Nella fase di preparazione all’intervento è importante valutare due aspetti: l’ittero pre-operatorio e il volume epatico funzionante residuo (FRLV). Sono questi i due fattori principali che concorrono nel determinare la principale complicanza di un’epatectomia maggiore: l’insufficienza epatica post-operatoria. Le strategie utilizzate per affrontare tali problematiche sono rispettivamente il drenaggio biliare, per la correzione dell’ittero, e l’embolizzazione portale, per l’aumento del FRLV.
Drenaggio biliare
Da numerosi studi emerge come l’ittero sia associato ad aumentata incidenza di insufficienza epatica e di mortalità post operatoria. Diviene pertanto necessario il drenaggio dei paziente itterici con un target di bilirubinemia <2mg/dL. Il drenaggio biliare, ottenuto sempre tramite procedure invasive, può essere di due tipi:
• Endoprotesi bliare: Consiste nel posizionamento di una protesi interna, che può essere plastica o metallica (quest’ultima ricoperta o non ricoperta), che viene posizionata nel corso di una ERCP (colangio-pancreatografia retrograda endoscopica). Più la stenosi è prossimale, maggiore è la difficoltà di un loro corretto posizionamento.
• PTBD (drenaggio biliare trans epatico percutaneo): È un tipo di drenaggio che viene inserito nelle vie biliari tramite un accesso percutaneo. Viene definito “esterno-interno” quando raggiunge la seconda porzione duodenale e garantisce la continuità bilio-digestiva. Viene definito “esterno” invece se il dotto infiltrato e dilatato viene drenato all’esterno, e il suo unico scopo è la palliazione dell’ittero. I PTBD vengono i posizionati nel corso di una PTC (colangiografia trans epatica percutanea).
Embolizzazione portale
Consiste nell’embolizzazione di uno dei due rami principali della vena porta in modo tale da indurre l’atrofia della parte di fegato che sarà asportata e l’ipertrofia compensatoria dell’emifegato contro laterale. Questo aumenta la possibilità di eseguire resezioni epatiche estese, per ottenere la radicalità dell’intervento, riducendo il rischio di insufficienza epatica post-operatoria. L’embolizzazione portale trova indicazione quando si pianifichi una resezione che decurti fino al 60% del volume del epatico.
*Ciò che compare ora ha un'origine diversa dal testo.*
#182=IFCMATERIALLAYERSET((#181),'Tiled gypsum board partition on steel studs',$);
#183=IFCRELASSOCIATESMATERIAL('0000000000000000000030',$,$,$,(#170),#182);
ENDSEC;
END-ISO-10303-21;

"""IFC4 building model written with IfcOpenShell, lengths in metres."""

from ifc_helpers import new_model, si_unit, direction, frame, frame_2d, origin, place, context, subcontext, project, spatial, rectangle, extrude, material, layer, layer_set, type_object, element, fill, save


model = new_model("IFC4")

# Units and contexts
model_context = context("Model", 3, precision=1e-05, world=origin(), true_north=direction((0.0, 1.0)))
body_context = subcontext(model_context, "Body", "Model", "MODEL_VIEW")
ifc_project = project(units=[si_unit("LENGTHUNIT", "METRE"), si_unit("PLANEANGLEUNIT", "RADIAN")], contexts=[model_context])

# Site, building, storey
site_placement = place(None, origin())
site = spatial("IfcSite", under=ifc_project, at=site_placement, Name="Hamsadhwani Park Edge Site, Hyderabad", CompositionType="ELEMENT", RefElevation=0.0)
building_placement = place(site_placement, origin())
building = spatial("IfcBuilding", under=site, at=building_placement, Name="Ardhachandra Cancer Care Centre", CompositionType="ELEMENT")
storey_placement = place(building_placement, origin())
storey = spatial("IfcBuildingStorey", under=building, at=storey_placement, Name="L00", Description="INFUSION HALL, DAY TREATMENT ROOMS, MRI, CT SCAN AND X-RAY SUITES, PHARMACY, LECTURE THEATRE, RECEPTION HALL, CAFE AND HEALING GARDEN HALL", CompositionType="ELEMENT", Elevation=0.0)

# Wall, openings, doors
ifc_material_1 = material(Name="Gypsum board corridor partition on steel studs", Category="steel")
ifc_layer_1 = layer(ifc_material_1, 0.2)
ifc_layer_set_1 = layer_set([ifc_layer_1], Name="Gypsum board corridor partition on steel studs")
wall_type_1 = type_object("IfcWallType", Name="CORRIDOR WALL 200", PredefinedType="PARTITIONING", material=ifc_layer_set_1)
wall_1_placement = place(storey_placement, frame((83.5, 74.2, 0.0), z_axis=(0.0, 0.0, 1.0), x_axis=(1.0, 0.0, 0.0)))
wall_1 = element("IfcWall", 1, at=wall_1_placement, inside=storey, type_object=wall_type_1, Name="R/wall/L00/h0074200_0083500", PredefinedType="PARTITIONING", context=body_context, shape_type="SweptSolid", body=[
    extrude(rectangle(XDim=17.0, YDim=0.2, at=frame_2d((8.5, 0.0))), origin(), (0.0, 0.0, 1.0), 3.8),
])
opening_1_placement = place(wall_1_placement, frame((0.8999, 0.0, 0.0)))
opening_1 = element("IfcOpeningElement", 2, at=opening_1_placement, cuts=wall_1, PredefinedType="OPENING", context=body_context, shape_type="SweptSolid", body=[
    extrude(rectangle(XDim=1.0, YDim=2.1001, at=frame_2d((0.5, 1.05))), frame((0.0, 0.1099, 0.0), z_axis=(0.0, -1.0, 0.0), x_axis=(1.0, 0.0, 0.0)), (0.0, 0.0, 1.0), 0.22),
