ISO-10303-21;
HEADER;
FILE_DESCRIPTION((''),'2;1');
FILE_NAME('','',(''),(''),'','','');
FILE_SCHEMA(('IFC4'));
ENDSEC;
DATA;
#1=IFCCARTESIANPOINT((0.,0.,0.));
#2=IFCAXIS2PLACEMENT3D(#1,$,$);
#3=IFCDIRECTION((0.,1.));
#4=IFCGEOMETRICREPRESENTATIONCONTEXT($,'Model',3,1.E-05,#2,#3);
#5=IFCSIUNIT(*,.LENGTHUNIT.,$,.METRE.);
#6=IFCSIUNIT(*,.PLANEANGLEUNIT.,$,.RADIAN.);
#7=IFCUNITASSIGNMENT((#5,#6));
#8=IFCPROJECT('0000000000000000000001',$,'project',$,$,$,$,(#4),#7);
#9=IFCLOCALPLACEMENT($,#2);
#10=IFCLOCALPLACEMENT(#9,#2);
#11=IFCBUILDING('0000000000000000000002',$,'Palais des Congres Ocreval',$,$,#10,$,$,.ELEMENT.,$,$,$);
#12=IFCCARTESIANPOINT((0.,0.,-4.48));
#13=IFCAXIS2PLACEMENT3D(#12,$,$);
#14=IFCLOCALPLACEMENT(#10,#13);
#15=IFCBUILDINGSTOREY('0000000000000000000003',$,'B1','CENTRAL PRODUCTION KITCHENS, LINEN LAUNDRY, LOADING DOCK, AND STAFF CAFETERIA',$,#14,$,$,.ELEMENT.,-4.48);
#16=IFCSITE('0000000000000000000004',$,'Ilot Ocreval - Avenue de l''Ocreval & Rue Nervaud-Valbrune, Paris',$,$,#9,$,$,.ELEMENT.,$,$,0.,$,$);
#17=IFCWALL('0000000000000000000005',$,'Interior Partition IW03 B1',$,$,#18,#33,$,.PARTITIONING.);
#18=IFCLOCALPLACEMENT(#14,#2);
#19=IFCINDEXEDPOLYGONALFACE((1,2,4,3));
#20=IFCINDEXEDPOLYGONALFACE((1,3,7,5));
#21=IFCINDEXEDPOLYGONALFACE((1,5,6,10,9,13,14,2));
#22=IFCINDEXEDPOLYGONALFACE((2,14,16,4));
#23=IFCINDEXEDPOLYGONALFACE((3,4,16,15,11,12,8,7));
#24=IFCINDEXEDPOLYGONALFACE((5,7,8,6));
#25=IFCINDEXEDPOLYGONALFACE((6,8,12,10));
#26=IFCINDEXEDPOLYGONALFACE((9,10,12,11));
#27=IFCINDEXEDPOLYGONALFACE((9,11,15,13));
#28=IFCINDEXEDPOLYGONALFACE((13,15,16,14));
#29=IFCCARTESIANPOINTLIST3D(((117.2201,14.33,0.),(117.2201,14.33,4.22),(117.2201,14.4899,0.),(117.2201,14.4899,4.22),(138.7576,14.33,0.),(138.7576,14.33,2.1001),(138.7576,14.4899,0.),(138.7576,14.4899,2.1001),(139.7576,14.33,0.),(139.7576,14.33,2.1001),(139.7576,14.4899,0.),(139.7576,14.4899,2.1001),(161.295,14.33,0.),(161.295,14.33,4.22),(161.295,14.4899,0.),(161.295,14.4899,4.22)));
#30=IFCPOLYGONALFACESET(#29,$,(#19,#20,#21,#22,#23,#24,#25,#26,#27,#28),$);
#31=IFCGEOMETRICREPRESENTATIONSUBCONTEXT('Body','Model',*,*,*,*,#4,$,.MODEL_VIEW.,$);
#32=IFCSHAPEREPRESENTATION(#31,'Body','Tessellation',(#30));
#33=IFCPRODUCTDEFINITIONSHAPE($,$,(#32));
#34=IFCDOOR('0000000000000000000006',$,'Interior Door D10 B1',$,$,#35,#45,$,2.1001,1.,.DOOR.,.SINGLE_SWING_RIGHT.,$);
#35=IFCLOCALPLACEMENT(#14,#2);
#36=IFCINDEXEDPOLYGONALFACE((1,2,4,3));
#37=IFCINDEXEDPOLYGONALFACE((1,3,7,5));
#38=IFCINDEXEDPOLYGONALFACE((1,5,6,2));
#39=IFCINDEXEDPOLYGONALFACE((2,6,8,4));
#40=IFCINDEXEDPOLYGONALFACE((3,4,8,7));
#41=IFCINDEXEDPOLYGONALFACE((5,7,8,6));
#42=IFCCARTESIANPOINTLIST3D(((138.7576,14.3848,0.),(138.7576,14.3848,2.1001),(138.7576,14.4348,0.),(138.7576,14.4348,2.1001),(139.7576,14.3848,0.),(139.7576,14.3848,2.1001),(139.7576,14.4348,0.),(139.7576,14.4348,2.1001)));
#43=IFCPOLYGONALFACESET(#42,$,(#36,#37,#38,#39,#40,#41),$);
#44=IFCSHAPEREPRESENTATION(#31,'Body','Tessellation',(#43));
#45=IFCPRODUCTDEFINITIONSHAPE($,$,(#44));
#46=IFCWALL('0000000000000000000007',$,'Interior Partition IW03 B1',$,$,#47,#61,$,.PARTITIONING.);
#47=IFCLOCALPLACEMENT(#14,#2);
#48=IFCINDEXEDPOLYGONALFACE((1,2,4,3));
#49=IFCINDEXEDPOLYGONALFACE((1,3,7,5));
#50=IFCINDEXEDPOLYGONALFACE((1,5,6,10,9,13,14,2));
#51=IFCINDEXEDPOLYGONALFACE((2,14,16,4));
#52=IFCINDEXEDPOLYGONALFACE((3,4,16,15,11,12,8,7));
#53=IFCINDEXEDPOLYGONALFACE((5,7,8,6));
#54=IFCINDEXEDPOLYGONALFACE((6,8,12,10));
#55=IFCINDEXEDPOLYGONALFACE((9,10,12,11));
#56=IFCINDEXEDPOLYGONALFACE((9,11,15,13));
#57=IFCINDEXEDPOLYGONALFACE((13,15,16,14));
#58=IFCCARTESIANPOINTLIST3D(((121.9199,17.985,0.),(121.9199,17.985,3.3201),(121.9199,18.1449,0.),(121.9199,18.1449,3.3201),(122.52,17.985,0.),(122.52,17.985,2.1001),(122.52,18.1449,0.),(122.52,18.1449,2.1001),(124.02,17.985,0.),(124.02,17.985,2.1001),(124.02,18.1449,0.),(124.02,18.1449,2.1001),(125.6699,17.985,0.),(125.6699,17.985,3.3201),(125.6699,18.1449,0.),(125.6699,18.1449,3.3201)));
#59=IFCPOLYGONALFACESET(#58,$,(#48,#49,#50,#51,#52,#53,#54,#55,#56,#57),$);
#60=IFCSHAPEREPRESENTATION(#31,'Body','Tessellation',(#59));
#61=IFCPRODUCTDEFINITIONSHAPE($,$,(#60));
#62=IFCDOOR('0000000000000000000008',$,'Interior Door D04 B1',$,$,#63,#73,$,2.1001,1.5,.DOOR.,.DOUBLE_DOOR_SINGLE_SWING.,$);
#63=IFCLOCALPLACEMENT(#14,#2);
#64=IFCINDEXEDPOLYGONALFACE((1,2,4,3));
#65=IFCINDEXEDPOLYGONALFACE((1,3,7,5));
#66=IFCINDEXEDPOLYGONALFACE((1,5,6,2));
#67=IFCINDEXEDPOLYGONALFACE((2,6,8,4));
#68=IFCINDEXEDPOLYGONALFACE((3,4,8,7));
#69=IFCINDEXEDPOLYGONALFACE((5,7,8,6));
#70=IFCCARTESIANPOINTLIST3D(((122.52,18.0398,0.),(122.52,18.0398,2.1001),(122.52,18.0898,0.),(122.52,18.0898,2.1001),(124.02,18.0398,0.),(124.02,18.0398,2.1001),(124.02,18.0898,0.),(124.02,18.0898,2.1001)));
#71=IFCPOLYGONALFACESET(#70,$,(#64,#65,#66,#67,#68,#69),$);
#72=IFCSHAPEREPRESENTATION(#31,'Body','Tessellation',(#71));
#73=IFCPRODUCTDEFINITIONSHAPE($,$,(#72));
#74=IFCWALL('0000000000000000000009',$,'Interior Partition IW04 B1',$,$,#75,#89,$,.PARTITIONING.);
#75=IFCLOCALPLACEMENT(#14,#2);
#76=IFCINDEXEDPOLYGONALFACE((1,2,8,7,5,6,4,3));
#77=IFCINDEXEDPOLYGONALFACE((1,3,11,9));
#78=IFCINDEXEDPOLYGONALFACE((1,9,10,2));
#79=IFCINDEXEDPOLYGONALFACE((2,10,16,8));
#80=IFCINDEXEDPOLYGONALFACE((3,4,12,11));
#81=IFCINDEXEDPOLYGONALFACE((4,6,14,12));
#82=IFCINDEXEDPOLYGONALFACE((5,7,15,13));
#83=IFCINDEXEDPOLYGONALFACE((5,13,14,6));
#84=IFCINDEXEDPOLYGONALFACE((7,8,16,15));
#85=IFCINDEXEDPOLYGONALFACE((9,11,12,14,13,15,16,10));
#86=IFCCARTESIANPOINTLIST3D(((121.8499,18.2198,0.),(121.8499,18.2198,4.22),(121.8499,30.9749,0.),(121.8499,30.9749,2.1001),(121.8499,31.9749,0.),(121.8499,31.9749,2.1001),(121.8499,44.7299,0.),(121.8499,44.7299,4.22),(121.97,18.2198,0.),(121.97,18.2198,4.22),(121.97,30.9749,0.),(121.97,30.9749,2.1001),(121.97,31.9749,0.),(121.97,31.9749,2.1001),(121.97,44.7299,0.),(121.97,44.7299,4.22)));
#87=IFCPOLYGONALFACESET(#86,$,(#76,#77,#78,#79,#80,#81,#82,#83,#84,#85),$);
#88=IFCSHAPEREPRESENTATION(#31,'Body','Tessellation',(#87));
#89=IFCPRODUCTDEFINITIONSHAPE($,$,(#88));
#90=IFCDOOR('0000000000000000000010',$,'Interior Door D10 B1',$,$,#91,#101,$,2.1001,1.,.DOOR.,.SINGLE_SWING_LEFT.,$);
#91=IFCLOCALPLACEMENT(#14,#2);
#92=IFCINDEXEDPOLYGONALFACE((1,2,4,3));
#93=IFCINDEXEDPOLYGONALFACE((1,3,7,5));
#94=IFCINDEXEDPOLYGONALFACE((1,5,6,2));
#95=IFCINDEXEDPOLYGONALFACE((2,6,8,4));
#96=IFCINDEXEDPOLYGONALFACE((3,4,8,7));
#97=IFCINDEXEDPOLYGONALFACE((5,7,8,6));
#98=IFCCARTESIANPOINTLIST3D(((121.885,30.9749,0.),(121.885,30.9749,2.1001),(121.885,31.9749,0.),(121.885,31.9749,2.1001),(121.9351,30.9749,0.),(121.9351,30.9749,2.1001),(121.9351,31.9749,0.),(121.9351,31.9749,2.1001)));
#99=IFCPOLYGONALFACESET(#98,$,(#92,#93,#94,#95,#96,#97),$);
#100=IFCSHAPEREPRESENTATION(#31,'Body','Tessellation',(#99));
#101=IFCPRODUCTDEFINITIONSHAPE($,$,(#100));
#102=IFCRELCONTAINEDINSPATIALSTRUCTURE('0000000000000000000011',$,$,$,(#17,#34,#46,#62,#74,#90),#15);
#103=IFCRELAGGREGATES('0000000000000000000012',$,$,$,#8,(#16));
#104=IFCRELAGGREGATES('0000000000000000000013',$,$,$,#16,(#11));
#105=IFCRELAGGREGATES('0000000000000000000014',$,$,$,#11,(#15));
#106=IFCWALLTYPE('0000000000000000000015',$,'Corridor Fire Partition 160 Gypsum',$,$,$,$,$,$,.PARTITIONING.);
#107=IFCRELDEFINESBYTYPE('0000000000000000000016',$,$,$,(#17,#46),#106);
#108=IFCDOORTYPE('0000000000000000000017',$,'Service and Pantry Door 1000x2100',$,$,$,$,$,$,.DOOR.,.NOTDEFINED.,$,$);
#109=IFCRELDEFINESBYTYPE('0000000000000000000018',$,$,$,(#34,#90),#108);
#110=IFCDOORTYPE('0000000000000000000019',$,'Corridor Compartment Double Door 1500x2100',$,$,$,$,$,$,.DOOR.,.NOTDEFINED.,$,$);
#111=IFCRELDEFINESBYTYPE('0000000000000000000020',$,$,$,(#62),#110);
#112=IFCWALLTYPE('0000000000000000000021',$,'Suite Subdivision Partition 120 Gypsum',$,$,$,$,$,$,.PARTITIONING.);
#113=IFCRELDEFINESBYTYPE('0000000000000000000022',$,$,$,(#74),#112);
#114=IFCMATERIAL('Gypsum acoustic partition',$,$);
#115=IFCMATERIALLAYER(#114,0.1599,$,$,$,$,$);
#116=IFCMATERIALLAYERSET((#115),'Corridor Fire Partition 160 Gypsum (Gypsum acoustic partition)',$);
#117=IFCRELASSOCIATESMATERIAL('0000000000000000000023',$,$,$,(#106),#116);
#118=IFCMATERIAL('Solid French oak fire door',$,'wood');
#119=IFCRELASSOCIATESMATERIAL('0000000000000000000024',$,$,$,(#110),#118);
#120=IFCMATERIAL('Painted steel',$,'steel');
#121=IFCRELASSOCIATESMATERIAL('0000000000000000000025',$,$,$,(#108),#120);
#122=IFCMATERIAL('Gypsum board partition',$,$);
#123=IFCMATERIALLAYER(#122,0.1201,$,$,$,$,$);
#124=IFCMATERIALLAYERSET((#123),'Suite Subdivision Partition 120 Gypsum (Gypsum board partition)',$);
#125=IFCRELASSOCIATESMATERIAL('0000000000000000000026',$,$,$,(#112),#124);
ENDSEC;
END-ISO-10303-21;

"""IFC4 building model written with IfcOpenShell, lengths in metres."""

from ifc_helpers import new_model, si_unit, direction, frame, frame_2d, origin, place, context, subcontext, project, spatial, rectangle, extrude, material, layer, layer_set, type_object, element, fill, save


model = new_model("IFC4")

# Units and contexts
model_context = context("Model", 3, precision=1e-05, world=origin(), true_north=direction((0.0, 1.0)))
body_context = subcontext(model_context, "Body", "Model", "MODEL_VIEW")
ifc_project = project(units=[si_unit("LENGTHUNIT", "METRE"), si_unit("PLANEANGLEUNIT", "RADIAN")], contexts=[model_context])

# Site, building, storey
site_placement = place(None, origin())
site = spatial("IfcSite", under=ifc_project, at=site_placement, Name="Ilot Ocreval - Avenue de l'Ocreval & Rue Nervaud-Valbrune, Paris", CompositionType="ELEMENT", RefElevation=0.0)
building_placement = place(site_placement, origin())
building = spatial("IfcBuilding", under=site, at=building_placement, Name="Palais des Congres Ocreval", CompositionType="ELEMENT")
storey_placement = place(building_placement, frame((0.0, 0.0, -4.48)))
storey = spatial("IfcBuildingStorey", under=building, at=storey_placement, Name="B1", Description="CENTRAL PRODUCTION KITCHENS, LINEN LAUNDRY, LOADING DOCK, AND STAFF CAFETERIA", CompositionType="ELEMENT", Elevation=-4.48)

# Shared definitions
ifc_material_1 = material(Name="Gypsum acoustic partition")
ifc_layer_1 = layer(ifc_material_1, 0.1599)
ifc_layer_set_1 = layer_set([ifc_layer_1], Name="Corridor Fire Partition 160 Gypsum (Gypsum acoustic partition)")
wall_type_1 = type_object("IfcWallType", Name="Corridor Fire Partition 160 Gypsum", PredefinedType="PARTITIONING", material=ifc_layer_set_1)

# Walls, openings, doors
ifc_material_2 = material(Name="Solid French oak fire door", Category="wood")
door_type_1 = type_object("IfcDoorType", Name="Corridor Compartment Double Door 1500x2100", OperationType="NOTDEFINED", PredefinedType="DOOR", material=ifc_material_2)
wall_1_placement = place(storey_placement, frame((117.22, 14.4099, 0.0), z_axis=(0.0, 0.0, 1.0), x_axis=(1.0, 0.0, 0.0)))
wall_1 = element("IfcWall", 1, at=wall_1_placement, inside=storey, type_object=wall_type_1, Name="Interior Partition IW03 B1", PredefinedType="PARTITIONING", context=body_context, shape_type="SweptSolid", body=[
    extrude(rectangle(XDim=44.075, YDim=0.1599, at=frame_2d((22.0376, 0.0))), origin(), (0.0, 0.0, 1.0), 4.22),
])
opening_1_placement = place(wall_1_placement, frame((21.5376, 0.0, 0.0)))
opening_1 = element("IfcOpeningElement", 2, at=opening_1_placement, cuts=wall_1, PredefinedType="OPENING", context=body_context, shape_type="SweptSolid", body=[
    extrude(rectangle(XDim=1.0, YDim=2.1001, at=frame_2d((0.5, 1.05))), frame((0.0, 0.0898, 0.0), z_axis=(0.0, -1.0, 0.0), x_axis=(1.0, 0.0, 0.0)), (0.0, 0.0, 1.0), 0.1799),
])
ifc_material_3 = material(Name="Painted steel", Category="steel")
door_type_2 = type_object("IfcDoorType", Name="Service and Pantry Door 1000x2100", OperationType="NOTDEFINED", PredefinedType="DOOR", material=ifc_material_3)
door_1_placement = place(opening_1_placement, origin())
door_1 = element("IfcDoor", 3, at=door_1_placement, inside=storey, type_object=door_type_2, Name="Interior Door D10 B1", OperationType="SINGLE_SWING_RIGHT", OverallHeight=2.1001, OverallWidth=1.0, PredefinedType="DOOR", context=body_context, shape_type="SweptSolid", body=[
    extrude(rectangle(XDim=1.0, YDim=2.1001, at=frame_2d((0.5, 1.05))), frame((0.0, 0.0249, 0.0), z_axis=(0.0, -1.0, 0.0), x_axis=(1.0, 0.0, 0.0)), (0.0, 0.0, 1.0), 0.05),
])
fill(opening_1, door_1)
wall_2_placement = place(storey_placement, frame((121.9199, 18.0649, 0.0), z_axis=(0.0, 0.0, 1.0), x_axis=(1.0, 0.0, 0.0)))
L’intervento prevede la resezione completa della via biliare principale e l’asportazione dell’emifegato omolaterale al dotto epatico (destro o sinistro) nel quale la neoplasia si sviluppa prevalentemente. Si associa sempre la resezione del lobo caudato, perché si riduce il rischio di recidive, per motivi anatomici e prognostici. Più rara è l’estensione della resezione epatica ai settori paramediani del fegato rimanente, tale da configurare una trisegmentectomia. La resezione vascolare può rendersi necessaria per ottenere la radicalità oncologica quando i rami portali o arteriosi controlaterali alla neoplasia risultino infiltrati.
La chemioterapia e la radioterapia al momento non sembrano modificare significativamente la prognosi dei pazienti con questa patologia.
Quando non è ottenibile l’asportazione completa della neoplasia è necessario ridurre l’ittero ripristinando la continuità bilio-digestiva, cioè il fisiologico passaggio di bile dal fegato all’intestino, per poter poi eseguire trattamenti con finalità palliativa.